Fribourg, 13octobre(APIC) L’Assemblée ecclésiastique catholique provisoire du canton de Fribourg abordera samedi prochain un point crucial et controversé de son programme, à savoir le financement des ministères paroissiaux et pluriparoissiaux. La question de la péréquation financière cantonale
et la gestion des bénéfices curiaux est ainsi relancée.
Le péréquation entre paroisses se veut un système de solidarité tendant
à atténuer les disparités entre paroisses riches et pauvres. L’assemblée
ecclésiastique provisoire a précisément pour tâche de définir l’étendue et
le mode de fonctionnement de cette répartition. La séance de samedi placera
les 90 délégués en face de leurs responsabilités. Les délégués, puis plus
tard le peuple fribourgeois, devront approuver ce principal défi de la loi
Eglise-Etat qui exige l’application de ce principe de solidarité.

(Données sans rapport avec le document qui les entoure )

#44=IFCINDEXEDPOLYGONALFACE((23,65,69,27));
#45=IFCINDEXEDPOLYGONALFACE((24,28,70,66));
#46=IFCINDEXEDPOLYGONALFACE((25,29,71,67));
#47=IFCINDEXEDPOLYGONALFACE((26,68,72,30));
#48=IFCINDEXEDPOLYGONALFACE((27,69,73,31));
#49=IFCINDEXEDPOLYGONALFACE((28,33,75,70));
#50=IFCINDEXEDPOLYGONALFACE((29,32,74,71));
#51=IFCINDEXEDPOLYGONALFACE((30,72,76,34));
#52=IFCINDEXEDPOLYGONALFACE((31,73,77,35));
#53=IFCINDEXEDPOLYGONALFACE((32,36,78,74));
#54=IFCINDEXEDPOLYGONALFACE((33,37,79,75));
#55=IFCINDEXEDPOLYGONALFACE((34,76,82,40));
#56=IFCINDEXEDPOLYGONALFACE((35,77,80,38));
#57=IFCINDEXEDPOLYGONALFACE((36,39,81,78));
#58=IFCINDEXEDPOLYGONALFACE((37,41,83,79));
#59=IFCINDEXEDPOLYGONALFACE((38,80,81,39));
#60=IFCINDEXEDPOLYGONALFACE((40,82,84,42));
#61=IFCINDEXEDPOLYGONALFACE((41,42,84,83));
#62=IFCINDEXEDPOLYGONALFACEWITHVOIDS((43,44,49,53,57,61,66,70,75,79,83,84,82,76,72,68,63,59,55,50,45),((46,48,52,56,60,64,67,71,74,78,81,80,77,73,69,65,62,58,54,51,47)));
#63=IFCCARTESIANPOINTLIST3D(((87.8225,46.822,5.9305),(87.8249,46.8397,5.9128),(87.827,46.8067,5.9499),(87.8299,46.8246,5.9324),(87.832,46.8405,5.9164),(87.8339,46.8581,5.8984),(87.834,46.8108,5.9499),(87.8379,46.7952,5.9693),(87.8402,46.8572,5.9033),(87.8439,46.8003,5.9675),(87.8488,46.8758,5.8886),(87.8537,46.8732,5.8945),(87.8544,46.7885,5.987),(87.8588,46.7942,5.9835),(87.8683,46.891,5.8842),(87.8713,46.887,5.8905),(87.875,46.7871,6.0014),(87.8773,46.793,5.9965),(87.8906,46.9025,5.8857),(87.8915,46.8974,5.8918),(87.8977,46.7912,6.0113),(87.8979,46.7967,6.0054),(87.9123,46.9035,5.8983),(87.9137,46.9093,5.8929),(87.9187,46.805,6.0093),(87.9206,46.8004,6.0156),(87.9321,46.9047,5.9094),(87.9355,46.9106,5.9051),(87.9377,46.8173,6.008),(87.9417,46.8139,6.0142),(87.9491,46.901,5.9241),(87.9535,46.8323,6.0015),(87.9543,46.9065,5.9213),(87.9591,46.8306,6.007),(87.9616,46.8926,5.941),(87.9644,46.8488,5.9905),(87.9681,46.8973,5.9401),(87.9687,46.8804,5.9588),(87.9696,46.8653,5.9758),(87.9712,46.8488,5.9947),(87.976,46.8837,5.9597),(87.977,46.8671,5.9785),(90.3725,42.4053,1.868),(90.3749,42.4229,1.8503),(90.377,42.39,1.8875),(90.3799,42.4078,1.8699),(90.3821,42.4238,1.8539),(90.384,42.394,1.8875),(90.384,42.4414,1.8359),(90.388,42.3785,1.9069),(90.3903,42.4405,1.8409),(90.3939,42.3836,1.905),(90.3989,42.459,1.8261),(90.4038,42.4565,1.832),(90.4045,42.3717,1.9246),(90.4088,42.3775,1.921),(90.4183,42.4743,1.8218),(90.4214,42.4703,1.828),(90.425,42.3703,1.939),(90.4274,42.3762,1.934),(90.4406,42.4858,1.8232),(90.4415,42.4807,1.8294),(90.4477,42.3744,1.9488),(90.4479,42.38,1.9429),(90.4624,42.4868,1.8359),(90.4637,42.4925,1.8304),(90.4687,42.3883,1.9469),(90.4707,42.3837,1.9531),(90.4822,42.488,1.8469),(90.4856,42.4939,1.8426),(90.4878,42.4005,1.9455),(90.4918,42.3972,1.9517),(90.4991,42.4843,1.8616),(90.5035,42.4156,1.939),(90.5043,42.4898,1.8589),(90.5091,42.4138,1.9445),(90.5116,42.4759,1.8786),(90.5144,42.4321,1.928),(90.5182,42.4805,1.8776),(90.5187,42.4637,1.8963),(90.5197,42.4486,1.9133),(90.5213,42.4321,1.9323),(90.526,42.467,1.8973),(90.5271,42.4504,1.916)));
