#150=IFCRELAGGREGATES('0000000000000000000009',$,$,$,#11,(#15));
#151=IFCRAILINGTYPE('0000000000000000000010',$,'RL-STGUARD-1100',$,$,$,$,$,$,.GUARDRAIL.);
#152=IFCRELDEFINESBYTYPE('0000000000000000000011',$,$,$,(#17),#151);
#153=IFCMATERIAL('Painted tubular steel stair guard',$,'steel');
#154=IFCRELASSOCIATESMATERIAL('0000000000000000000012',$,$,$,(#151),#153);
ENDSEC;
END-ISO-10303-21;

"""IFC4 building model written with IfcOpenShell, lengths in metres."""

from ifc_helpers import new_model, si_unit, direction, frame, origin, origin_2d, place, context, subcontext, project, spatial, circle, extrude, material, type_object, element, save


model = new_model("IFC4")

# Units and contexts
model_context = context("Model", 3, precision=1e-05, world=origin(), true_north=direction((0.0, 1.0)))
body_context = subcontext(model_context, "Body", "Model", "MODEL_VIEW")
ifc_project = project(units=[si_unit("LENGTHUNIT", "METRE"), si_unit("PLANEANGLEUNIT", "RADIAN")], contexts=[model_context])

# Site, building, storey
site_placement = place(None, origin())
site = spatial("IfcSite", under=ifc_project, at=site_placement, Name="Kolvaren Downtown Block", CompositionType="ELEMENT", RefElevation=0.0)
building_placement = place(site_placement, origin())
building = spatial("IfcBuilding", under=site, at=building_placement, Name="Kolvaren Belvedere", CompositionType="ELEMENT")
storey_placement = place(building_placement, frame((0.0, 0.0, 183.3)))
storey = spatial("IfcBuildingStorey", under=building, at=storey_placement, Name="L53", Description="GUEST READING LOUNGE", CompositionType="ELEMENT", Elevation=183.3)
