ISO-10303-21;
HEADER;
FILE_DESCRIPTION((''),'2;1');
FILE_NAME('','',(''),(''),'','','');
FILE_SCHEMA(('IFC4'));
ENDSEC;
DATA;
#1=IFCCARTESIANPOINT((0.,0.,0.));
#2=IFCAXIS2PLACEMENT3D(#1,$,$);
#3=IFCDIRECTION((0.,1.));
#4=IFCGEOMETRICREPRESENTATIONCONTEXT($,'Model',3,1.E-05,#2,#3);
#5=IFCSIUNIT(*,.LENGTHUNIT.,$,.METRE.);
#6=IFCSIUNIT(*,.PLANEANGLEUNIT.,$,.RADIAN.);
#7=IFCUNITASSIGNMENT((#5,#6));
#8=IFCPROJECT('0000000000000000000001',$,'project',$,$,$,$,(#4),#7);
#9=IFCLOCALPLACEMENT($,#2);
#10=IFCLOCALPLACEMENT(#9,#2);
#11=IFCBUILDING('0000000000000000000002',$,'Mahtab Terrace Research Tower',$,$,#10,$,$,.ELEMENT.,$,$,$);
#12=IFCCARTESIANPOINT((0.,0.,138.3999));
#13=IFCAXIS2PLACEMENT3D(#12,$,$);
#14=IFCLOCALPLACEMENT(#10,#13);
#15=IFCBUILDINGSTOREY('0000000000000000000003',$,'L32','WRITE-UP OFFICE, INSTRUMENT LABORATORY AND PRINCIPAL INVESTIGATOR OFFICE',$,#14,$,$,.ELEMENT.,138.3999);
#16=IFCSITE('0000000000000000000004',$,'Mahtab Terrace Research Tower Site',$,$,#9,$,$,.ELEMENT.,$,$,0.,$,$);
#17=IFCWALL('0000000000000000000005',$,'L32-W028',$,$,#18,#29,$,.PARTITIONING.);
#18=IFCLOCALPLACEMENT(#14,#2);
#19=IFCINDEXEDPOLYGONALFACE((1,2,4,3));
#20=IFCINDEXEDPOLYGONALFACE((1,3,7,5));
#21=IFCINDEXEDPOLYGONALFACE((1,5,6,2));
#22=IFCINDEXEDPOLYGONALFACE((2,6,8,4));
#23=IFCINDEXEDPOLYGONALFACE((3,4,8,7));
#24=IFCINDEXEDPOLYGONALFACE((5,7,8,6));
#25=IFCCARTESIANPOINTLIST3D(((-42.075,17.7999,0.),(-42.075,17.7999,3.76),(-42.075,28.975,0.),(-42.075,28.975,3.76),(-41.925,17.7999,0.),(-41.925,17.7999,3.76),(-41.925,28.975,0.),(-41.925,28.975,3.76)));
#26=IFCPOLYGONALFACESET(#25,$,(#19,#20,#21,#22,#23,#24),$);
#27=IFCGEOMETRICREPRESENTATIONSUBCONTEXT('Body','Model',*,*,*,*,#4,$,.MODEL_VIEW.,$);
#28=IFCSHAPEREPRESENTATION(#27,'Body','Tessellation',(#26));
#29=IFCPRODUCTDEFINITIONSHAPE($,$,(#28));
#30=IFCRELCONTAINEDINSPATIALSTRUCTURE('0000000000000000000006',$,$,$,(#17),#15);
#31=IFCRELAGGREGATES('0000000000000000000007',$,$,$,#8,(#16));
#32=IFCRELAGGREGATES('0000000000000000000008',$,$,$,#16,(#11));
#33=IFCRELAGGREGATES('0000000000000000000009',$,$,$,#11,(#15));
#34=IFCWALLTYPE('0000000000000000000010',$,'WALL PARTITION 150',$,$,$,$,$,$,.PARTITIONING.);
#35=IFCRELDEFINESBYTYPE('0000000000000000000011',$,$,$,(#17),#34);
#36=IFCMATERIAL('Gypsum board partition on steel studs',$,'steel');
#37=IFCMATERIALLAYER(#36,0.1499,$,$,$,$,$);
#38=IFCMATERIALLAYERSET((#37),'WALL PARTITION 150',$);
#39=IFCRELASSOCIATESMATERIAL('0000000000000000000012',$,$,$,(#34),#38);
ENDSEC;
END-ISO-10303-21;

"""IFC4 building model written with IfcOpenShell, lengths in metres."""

from ifc_helpers import new_model, si_unit, direction, frame, frame_2d, origin, place, context, subcontext, project, spatial, rectangle, extrude, material, layer, layer_set, type_object, element, save


model = new_model("IFC4")

# Units and contexts
model_context = context("Model", 3, precision=1e-05, world=origin(), true_north=direction((0.0, 1.0)))
body_context = subcontext(model_context, "Body", "Model", "MODEL_VIEW")
ifc_project = project(units=[si_unit("LENGTHUNIT", "METRE"), si_unit("PLANEANGLEUNIT", "RADIAN")], contexts=[model_context])

# Site, building, storey
site_placement = place(None, origin())
site = spatial("IfcSite", under=ifc_project, at=site_placement, Name="Mahtab Terrace Research Tower Site", CompositionType="ELEMENT", RefElevation=0.0)
building_placement = place(site_placement, origin())
building = spatial("IfcBuilding", under=site, at=building_placement, Name="Mahtab Terrace Research Tower", CompositionType="ELEMENT")
storey_placement = place(building_placement, frame((0.0, 0.0, 138.3999)))
storey = spatial("IfcBuildingStorey", under=building, at=storey_placement, Name="L32", Description="WRITE-UP OFFICE, INSTRUMENT LABORATORY AND PRINCIPAL INVESTIGATOR OFFICE", CompositionType="ELEMENT", Elevation=138.3999)

# Wall
ifc_material_1 = material(Name="Gypsum board partition on steel studs", Category="steel")
ifc_layer_1 = layer(ifc_material_1, 0.1499)
ifc_layer_set_1 = layer_set([ifc_layer_1], Name="WALL PARTITION 150")
wall_type_1 = type_object("IfcWallType", Name="WALL PARTITION 150", PredefinedType="PARTITIONING", material=ifc_layer_set_1)
wall_1_placement = place(storey_placement, frame((-42.0, 17.8, 0.0), z_axis=(0.0, 0.0, 1.0), x_axis=(0.0, 1.0, 0.0)))
element("IfcWall", 1, at=wall_1_placement, inside=storey, type_object=wall_type_1, Name="L32-W028", PredefinedType="PARTITIONING", context=body_context, shape_type="SweptSolid", body=[
    extrude(rectangle(XDim=11.175, YDim=0.1499, at=frame_2d((5.5874, 0.0))), origin(), (0.0, 0.0, 1.0), 3.76),
])

save(model, "model.ifc")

Le rapport présenté par la commision VII présidée par Jacques Baeriswyl,
avocat à Bulle, décrit quatre modèles de financement des prêtres et des
agents pastoraux en paroisse.
Le premier de ces modèles propose la création d’une caisse cantonale
unique pour gérer les salaires des prêtres et agents pastoraux ainsi que
les tâches supraparoissiales. La participation des paroisses à cette caisse
serait basées sur le rendement de l’impôt cantonal dans les communes formant une paroisse (RICC). Cette base de calcul a été approuvée par un vote
indicatif lors de l’assemblée du 16 avril dernier. Une partie des bénéfices
curiaux tomberait dans cette caisse centrale. Celle-ci financerait les postes de prêtres et agents pastoraux oeuvrant en paroisse, selon une répartition des postes répondant à des critères précis.
Le second modèle reprend les mêmes principes que le précédent, mais à un
niveau régional. La commission considère que l’atténuation des disparités
au niveau cantonal ne serait pas suffisante et propose de le rejeter.
Le troisième modèle propose un système «causal», ce qui signifie que
l’instante payante reçoit en retour les prestations qu’elle finance. Les
paroisses seraient obligatoirement affiliées à la caisse cantonale et payeraient ce que leur coûte l’engagement de leurs agents pastoraux, prêtres et
laïcs mandatés. C’est à partir de cette contribution que serait définie, en
pourcentage, la masse péréquative (toujours basée sur le RICC). Dans ce système, la partie mise en péréquation est versée exclusivement par les paroisses riches au profit des paroisses pauvres. Si l’on admet que la péréquation se fait sur la base du RICC, on qualifie de paroisse riche une paroisse dont le RICC est supérieur à la moyenne fribourgeoise. Après l’établissement des calculs de la péréquation, chaque paroisse verse sa contribution comptable, réduite, augmentée ou inchangée, selon que son RICC est
inférieur, supérieur ou égal au RICC moyen. Les partisans de ce modèle veulent manifester leur attachement à certaines prérogatives paroissiales,
mais aussi critiquer une trop grande centralisation dans laqulle ils discernent, à tort ou a raison, un risque d’irresponsabilité financière.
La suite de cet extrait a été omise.